Case Note: Dunstan v Ziegler [2015] FamCA 419

The Family Court of Australia recently delivered a judgment which considered the issue of whether Australia or the Cook Islands is the appropriate forum to continue Family Law Proceedings for a parenting matter.

Brief Summary of Facts

In 2006 the parties commenced their relationship in Cook Islands. Their son was born in the Cook Islands in 2008.

In January 2012, the father started working in Australia on a three weeks on/one week off basis. He became a permanent resident of Australia whilst the mother and child continued to live in the Cook Islands.

In or about July 2014, the parties separated on a final basis, with the father spending substantial and significant time with the child whenever he returned to the Cook Islands.

In or about July 2014, the father’s employment schedule changed, such that he worked three weeks in Australia, and then three weeks in Cook Islands.

In about late September 2014 the child travelled to Australia with his mother.

The initial agreement was for the child to return to the mother’s care in Cook Islands on 2 October 2014.

However, on that day, the father told the mother he intended to retain the child in his care.

In addition, he took steps contrary to the parties’ initial agreement, such as enrolling the child in a local Australian School.

On 10 October 2014, the mother commenced proceedings in the Federal Circuit Court of Australia, seeking interim orders including (without limitation):

a.  the child be returned to the mother’s care; and

b.  the father be restrained from removing or again taking possession of the child.

On 18 November 2014 orders were made by the Federal Circuit Court of Australia that the child be returned to the mother’s care and live with the mother. However, the child would be allowed to travel to Australia and spend time with the father, where it does not interfere with the child’s schooling.
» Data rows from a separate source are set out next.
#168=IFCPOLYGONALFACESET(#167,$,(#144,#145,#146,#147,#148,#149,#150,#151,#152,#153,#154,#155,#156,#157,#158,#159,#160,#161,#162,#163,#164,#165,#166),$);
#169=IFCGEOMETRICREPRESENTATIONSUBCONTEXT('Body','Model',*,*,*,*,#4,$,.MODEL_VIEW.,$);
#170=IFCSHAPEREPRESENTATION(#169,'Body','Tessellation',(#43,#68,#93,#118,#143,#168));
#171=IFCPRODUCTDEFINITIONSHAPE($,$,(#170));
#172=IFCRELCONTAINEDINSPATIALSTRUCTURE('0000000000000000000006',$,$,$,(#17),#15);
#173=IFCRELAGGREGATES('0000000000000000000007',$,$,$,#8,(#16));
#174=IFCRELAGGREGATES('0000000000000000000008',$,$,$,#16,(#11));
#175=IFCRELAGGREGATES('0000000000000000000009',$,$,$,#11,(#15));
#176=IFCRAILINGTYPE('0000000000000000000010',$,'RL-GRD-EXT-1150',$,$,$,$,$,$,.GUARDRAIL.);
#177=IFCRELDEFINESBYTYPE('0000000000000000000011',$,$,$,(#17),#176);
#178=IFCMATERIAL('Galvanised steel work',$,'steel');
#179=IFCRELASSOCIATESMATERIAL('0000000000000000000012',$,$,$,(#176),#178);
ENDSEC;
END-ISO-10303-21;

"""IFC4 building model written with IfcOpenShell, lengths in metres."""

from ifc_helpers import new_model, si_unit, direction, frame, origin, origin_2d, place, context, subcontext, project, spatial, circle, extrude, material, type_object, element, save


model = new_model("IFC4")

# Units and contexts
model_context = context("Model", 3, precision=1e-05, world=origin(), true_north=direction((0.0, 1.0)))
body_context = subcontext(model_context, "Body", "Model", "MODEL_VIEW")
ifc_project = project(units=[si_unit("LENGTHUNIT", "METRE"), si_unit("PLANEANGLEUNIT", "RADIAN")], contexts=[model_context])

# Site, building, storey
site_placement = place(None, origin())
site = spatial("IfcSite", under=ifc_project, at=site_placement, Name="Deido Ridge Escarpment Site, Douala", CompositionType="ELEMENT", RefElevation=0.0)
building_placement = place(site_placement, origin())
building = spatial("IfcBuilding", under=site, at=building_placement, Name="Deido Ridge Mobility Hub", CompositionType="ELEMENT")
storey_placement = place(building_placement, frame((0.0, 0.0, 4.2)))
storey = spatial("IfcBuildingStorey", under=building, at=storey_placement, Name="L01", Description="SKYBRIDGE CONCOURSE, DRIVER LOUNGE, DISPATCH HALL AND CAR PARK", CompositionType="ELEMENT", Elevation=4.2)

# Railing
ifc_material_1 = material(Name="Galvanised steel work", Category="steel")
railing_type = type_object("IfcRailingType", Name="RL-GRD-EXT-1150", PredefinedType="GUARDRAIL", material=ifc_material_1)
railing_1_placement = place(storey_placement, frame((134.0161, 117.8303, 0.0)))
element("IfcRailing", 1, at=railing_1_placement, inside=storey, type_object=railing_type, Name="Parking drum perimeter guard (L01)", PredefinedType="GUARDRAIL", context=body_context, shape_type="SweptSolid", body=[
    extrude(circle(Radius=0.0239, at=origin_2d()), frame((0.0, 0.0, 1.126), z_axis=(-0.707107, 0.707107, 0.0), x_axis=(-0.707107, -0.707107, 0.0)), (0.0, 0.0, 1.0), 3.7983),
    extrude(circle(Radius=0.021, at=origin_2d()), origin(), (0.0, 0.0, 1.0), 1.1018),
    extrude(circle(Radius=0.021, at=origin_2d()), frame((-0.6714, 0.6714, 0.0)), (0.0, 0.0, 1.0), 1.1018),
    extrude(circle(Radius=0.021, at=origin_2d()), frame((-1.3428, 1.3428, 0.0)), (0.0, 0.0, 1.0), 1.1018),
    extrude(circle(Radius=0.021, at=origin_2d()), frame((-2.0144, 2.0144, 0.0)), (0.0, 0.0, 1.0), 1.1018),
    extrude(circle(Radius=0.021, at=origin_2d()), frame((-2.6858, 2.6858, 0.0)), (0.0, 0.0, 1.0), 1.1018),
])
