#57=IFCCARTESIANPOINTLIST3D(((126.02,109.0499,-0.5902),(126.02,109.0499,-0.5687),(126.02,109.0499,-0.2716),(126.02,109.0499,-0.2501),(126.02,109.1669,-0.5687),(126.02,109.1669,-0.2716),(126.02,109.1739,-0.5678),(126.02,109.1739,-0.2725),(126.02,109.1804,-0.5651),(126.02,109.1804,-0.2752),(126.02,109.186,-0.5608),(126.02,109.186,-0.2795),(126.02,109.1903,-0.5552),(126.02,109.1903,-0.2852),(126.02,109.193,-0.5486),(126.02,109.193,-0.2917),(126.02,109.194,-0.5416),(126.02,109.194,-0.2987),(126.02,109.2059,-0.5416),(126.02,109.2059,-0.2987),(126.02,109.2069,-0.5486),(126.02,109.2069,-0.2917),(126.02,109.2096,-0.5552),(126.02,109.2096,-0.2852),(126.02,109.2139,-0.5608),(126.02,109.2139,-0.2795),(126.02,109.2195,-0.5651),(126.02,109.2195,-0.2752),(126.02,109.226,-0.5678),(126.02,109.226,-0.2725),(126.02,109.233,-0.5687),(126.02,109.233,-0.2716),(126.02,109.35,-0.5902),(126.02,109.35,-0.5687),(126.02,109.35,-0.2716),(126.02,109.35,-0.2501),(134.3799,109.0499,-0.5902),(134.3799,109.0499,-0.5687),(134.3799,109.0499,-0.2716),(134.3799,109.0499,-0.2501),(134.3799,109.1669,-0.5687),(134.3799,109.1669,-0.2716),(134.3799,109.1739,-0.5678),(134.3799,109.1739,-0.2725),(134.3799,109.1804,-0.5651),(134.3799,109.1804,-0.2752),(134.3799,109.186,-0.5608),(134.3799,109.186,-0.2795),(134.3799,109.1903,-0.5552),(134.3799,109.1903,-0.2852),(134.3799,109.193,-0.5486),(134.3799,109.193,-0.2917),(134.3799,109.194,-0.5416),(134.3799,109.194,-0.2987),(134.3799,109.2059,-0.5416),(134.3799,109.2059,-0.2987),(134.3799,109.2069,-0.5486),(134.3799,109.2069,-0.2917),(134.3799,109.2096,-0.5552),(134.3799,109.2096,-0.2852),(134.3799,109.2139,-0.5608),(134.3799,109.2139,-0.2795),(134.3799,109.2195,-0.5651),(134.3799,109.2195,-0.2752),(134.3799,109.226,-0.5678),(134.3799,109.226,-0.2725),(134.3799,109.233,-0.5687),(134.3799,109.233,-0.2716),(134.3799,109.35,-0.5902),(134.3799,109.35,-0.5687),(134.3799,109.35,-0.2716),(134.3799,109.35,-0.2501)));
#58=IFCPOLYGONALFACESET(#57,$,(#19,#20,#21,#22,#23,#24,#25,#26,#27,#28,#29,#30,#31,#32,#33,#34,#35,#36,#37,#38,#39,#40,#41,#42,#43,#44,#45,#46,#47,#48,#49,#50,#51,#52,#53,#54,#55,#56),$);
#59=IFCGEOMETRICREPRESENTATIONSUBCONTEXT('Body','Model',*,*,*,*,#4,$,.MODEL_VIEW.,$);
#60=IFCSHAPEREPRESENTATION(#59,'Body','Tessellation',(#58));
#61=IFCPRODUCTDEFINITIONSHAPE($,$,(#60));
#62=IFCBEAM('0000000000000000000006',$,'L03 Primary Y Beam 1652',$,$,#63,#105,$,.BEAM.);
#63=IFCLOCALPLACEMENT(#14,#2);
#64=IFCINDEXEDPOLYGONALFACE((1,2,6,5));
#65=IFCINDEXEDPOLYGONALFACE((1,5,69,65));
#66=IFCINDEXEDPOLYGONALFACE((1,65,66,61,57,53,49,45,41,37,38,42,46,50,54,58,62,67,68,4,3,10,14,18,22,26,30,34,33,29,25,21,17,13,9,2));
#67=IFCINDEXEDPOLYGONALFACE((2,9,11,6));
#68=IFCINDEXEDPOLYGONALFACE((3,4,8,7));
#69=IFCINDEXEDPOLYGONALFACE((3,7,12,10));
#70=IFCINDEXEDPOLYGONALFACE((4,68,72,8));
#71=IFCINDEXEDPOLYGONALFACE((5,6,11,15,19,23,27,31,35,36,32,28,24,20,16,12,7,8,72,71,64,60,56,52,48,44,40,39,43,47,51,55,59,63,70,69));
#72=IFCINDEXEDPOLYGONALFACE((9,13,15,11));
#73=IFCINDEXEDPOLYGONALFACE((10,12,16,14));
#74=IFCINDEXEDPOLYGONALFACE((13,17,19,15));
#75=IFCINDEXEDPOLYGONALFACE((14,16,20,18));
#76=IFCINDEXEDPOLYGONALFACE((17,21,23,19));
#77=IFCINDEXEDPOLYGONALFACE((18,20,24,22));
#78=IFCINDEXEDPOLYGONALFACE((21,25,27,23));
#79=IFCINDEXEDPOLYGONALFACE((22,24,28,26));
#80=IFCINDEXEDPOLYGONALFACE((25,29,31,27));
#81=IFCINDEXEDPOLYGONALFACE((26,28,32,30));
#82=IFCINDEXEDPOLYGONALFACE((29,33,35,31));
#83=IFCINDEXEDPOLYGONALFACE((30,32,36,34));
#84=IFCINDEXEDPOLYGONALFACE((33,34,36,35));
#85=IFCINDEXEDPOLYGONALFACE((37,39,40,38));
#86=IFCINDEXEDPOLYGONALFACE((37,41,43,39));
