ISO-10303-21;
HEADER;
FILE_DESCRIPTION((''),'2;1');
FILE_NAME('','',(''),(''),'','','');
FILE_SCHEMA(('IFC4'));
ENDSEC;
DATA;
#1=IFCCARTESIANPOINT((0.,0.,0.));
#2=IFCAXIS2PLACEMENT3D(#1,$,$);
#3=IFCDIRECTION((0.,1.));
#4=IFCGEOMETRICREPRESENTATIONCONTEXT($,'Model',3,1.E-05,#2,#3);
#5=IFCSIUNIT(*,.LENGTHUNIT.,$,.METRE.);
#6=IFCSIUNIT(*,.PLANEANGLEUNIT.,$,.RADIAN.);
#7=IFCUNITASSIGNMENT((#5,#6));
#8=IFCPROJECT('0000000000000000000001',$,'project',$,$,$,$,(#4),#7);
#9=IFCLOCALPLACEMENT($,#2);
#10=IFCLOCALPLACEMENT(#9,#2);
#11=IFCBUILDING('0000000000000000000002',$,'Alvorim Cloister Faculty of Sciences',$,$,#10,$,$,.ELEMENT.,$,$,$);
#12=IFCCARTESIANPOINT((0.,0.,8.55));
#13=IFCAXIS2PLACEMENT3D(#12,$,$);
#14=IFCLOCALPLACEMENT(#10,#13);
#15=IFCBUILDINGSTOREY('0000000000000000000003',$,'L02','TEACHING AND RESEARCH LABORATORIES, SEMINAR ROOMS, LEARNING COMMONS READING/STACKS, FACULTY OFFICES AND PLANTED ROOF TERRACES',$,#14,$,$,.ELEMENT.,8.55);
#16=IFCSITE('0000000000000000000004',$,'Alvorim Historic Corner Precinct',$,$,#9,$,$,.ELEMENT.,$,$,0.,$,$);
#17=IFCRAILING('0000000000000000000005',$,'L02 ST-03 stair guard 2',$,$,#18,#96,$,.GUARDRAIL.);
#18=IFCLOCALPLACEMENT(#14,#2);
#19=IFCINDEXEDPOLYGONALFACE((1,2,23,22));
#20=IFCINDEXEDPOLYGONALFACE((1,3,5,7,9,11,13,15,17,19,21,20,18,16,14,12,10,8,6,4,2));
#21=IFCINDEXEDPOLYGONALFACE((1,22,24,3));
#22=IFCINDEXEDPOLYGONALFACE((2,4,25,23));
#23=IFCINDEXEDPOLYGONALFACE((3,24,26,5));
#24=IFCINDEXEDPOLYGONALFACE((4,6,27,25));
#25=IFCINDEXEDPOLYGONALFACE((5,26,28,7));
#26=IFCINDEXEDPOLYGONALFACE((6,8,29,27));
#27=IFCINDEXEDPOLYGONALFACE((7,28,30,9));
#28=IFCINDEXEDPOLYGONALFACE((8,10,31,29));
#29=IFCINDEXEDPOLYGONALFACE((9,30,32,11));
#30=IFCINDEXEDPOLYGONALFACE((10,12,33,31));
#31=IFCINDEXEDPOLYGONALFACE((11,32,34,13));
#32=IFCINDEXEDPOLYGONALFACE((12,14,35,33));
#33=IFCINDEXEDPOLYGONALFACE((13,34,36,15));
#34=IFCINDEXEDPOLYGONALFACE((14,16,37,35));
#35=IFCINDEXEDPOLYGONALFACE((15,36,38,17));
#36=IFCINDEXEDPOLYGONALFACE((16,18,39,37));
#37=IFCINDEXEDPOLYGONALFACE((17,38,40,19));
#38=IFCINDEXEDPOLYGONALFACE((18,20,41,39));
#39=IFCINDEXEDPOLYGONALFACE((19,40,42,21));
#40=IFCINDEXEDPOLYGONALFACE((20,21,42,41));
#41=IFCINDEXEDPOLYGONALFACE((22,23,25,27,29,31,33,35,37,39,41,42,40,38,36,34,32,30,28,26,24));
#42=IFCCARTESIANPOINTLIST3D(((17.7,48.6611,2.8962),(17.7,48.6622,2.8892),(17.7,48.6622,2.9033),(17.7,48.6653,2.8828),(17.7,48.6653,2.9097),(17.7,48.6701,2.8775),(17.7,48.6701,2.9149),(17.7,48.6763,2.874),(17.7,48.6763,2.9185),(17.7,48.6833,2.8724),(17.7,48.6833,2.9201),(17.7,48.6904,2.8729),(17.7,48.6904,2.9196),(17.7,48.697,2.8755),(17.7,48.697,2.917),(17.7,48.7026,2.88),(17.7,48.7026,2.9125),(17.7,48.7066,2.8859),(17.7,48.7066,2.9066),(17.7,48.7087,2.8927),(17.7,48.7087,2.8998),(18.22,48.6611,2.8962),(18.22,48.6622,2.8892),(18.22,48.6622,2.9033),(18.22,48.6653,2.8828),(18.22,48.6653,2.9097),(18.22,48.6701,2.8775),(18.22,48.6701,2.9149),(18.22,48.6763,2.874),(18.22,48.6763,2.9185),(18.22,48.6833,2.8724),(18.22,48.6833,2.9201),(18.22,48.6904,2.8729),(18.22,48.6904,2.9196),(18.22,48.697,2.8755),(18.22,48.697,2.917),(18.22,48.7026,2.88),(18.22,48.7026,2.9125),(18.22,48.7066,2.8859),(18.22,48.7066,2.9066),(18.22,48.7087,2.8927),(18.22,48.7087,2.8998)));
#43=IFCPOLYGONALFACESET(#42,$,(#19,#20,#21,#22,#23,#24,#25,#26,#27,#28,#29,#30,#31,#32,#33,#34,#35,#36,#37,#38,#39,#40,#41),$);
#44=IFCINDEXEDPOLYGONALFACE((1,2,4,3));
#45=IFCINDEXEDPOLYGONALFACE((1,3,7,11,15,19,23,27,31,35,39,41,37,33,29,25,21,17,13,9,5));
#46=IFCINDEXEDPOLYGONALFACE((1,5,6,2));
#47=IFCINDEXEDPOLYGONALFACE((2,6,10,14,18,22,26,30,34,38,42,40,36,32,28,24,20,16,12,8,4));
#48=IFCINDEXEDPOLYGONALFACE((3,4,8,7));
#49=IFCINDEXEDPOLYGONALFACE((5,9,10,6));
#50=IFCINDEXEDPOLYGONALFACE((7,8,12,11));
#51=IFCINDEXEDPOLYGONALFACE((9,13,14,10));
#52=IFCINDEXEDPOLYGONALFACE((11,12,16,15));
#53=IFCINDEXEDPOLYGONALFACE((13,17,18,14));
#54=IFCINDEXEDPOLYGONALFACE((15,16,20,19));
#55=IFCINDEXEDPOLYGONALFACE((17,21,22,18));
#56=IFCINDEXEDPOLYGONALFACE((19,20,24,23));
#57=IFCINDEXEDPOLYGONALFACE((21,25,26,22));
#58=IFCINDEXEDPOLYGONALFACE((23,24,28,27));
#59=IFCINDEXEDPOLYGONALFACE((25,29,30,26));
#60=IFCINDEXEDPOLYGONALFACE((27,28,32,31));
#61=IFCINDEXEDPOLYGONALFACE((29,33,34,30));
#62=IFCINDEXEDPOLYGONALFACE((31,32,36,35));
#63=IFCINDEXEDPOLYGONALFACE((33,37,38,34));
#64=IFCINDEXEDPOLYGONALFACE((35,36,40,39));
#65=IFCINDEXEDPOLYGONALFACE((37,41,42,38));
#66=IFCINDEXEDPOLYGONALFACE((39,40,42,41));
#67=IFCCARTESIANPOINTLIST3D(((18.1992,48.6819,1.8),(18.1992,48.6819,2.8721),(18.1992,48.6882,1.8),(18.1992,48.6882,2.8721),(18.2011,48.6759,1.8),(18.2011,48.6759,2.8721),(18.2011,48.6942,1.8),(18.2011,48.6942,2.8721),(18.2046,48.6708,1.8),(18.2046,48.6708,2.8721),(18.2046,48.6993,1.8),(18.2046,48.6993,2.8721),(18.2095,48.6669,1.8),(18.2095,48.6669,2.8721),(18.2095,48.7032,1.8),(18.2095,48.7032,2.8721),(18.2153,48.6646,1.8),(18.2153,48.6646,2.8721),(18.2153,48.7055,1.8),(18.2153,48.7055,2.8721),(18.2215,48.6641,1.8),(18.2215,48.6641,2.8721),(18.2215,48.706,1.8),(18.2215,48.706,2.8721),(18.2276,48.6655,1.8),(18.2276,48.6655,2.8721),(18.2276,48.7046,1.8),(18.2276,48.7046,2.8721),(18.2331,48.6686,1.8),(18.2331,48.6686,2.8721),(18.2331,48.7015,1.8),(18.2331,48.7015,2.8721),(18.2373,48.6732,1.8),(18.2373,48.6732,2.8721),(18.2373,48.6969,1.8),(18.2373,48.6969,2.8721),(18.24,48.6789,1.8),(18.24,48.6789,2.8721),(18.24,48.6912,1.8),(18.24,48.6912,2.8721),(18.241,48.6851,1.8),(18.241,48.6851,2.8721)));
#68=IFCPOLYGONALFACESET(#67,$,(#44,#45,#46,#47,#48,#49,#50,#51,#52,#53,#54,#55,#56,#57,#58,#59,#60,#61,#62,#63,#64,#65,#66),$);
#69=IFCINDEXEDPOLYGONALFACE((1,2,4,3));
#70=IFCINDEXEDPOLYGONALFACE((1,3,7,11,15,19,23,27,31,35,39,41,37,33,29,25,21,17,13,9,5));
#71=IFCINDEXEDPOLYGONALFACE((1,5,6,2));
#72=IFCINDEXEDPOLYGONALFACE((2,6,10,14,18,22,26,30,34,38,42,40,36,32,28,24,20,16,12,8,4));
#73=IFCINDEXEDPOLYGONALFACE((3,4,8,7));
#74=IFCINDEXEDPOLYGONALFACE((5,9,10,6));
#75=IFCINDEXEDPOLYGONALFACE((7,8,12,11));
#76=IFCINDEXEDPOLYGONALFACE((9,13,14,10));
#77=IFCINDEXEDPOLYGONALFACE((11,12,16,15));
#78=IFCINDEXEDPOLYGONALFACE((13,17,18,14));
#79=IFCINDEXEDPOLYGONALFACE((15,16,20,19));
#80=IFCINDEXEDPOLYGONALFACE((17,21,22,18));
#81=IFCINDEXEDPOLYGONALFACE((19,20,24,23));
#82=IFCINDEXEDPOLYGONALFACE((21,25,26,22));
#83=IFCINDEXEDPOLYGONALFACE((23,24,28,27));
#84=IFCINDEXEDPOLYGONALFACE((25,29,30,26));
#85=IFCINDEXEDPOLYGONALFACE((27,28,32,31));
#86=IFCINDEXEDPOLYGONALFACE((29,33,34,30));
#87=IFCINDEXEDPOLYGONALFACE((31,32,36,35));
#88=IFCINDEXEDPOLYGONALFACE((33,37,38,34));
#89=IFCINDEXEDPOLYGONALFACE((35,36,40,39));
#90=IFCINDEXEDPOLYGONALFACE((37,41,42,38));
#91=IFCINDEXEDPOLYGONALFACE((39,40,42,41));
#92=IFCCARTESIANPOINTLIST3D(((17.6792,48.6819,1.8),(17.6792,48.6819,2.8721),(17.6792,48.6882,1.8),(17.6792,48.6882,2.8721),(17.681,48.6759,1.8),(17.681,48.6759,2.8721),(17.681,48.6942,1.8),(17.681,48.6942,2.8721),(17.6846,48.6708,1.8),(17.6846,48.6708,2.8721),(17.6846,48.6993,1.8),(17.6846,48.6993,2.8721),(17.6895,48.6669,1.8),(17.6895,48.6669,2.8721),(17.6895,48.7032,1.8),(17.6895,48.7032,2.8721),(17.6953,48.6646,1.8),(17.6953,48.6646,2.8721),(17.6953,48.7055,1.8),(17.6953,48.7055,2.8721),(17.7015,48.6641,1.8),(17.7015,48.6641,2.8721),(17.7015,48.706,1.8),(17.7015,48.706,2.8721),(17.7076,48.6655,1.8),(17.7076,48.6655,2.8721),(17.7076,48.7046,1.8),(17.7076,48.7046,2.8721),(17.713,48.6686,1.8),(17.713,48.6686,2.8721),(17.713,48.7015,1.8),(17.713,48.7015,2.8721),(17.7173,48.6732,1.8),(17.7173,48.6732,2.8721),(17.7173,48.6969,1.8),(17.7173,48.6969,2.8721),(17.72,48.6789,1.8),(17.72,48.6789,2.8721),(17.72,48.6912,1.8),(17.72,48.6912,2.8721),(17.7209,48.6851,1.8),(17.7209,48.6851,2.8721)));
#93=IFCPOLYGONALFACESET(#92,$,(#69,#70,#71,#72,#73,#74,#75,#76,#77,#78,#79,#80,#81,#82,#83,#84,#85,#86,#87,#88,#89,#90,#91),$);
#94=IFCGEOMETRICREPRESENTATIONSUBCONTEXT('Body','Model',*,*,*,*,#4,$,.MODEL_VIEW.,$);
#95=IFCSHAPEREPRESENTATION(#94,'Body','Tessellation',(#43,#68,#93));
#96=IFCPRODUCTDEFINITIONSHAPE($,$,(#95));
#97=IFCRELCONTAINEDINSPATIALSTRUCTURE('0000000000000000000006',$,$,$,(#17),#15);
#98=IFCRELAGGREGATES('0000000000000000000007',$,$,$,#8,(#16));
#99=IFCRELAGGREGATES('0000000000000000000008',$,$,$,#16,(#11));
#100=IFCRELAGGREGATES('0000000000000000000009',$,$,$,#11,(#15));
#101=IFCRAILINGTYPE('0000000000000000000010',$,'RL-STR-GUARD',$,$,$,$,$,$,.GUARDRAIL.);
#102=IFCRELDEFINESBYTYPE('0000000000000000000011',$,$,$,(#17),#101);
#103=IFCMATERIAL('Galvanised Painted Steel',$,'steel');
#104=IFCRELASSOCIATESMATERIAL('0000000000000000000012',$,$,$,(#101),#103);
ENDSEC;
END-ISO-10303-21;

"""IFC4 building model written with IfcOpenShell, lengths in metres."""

from ifc_helpers import new_model, si_unit, direction, frame, origin, origin_2d, place, context, subcontext, project, spatial, circle, extrude, material, type_object, element, save


model = new_model("IFC4")

# Units and contexts
model_context = context("Model", 3, precision=1e-05, world=origin(), true_north=direction((0.0, 1.0)))
body_context = subcontext(model_context, "Body", "Model", "MODEL_VIEW")
ifc_project = project(units=[si_unit("LENGTHUNIT", "METRE"), si_unit("PLANEANGLEUNIT", "RADIAN")], contexts=[model_context])

# Site, building, storey
site_placement = place(None, origin())
site = spatial("IfcSite", under=ifc_project, at=site_placement, Name="Alvorim Historic Corner Precinct", CompositionType="ELEMENT", RefElevation=0.0)
building_placement = place(site_placement, origin())
building = spatial("IfcBuilding", under=site, at=building_placement, Name="Alvorim Cloister Faculty of Sciences", CompositionType="ELEMENT")
storey_placement = place(building_placement, frame((0.0, 0.0, 8.55)))
storey = spatial("IfcBuildingStorey", under=building, at=storey_placement, Name="L02", Description="TEACHING AND RESEARCH LABORATORIES, SEMINAR ROOMS, LEARNING COMMONS READING/STACKS, FACULTY OFFICES AND PLANTED ROOF TERRACES", CompositionType="ELEMENT", Elevation=8.55)

# Railing
ifc_material_1 = material(Name="Galvanised Painted Steel", Category="steel")
railing_type_1 = type_object("IfcRailingType", Name="RL-STR-GUARD", PredefinedType="GUARDRAIL", material=ifc_material_1)
railing_1_placement = place(storey_placement, frame((18.22, 48.6851, 1.8)))
element("IfcRailing", 1, at=railing_1_placement, inside=storey, type_object=railing_type_1, Name="L02 ST-03 stair guard 2", PredefinedType="GUARDRAIL", context=body_context, shape_type="SweptSolid", body=[
    extrude(circle(Radius=0.0239, at=origin_2d()), frame((0.0, 0.0, 1.0962), z_axis=(-1.0, 0.0, 0.0), x_axis=(0.0, -1.0, 0.0)), (0.0, 0.0, 1.0), 0.52),
    extrude(circle(Radius=0.021, at=origin_2d()), origin(), (0.0, 0.0, 1.0), 1.072),
    extrude(circle(Radius=0.021, at=origin_2d()), frame((-0.52, 0.0, 0.0)), (0.0, 0.0, 1.0), 1.072),
])

save(model, "model.ifc")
Shortly thereafter, the child and mother returned to Cook Islands.

On or about 11 December 2014, the mother commenced parenting proceedings in the High Court of the Cook Islands for parenting matters, upon which Interim orders were made on 20 March 2014.

Following this, the mother commenced an initiating application on 10 October 2014 in the Family Court of Australia for the Australian proceedings to be stayed.

Decision of Justice Hogan of the Family Court of Australia

Justice Hogan of the Family Court of Australia ordered in favour of the mother, and granted a stay of the Australian proceedings.

In coming to her decision, Justice Hogan considered a number of issues, both legal and factual. Some of these considerations included (without limitation)

a.  A discretion to grant a stay of proceedings should be exercised with great care or extreme caution. In this regard, Justice Hogan made the following statement:

“In considering whether the local Court is a clearly inappropriate forum, attention must be directed to the inappropriateness of that Court and not the appropriateness or comparative appropriateness  of the foreign forum…” (emphasis added);

b.  Australian orders cannot be registered in the Cook Islands (and vice versa);

c.  The Family Court of Australia has jurisdiction to make parenting orders in relation to the child, notwithstanding that the child is no longer within the Commonwealth of Australia;

d.  The residency status of the parties;

e.  Which forum can more effectively provide for a complete resolution of the matters in dispute;

f.  The order in which the legal proceedings were instituted; and

g.  The personal circumstances of each party. For example, the mother was self-employed in the Cook Islands and would suffer significant detriment if proceedings were continued in Australia.

 Our Comments

We consider that International Family and Matrimonial Law is complex, and certainly needs to be reviewed on a “case-by-case” basis.

Both legal and factual considerations (within and outside of Australia) are crucial in ensuring proper submissions are made to the Court.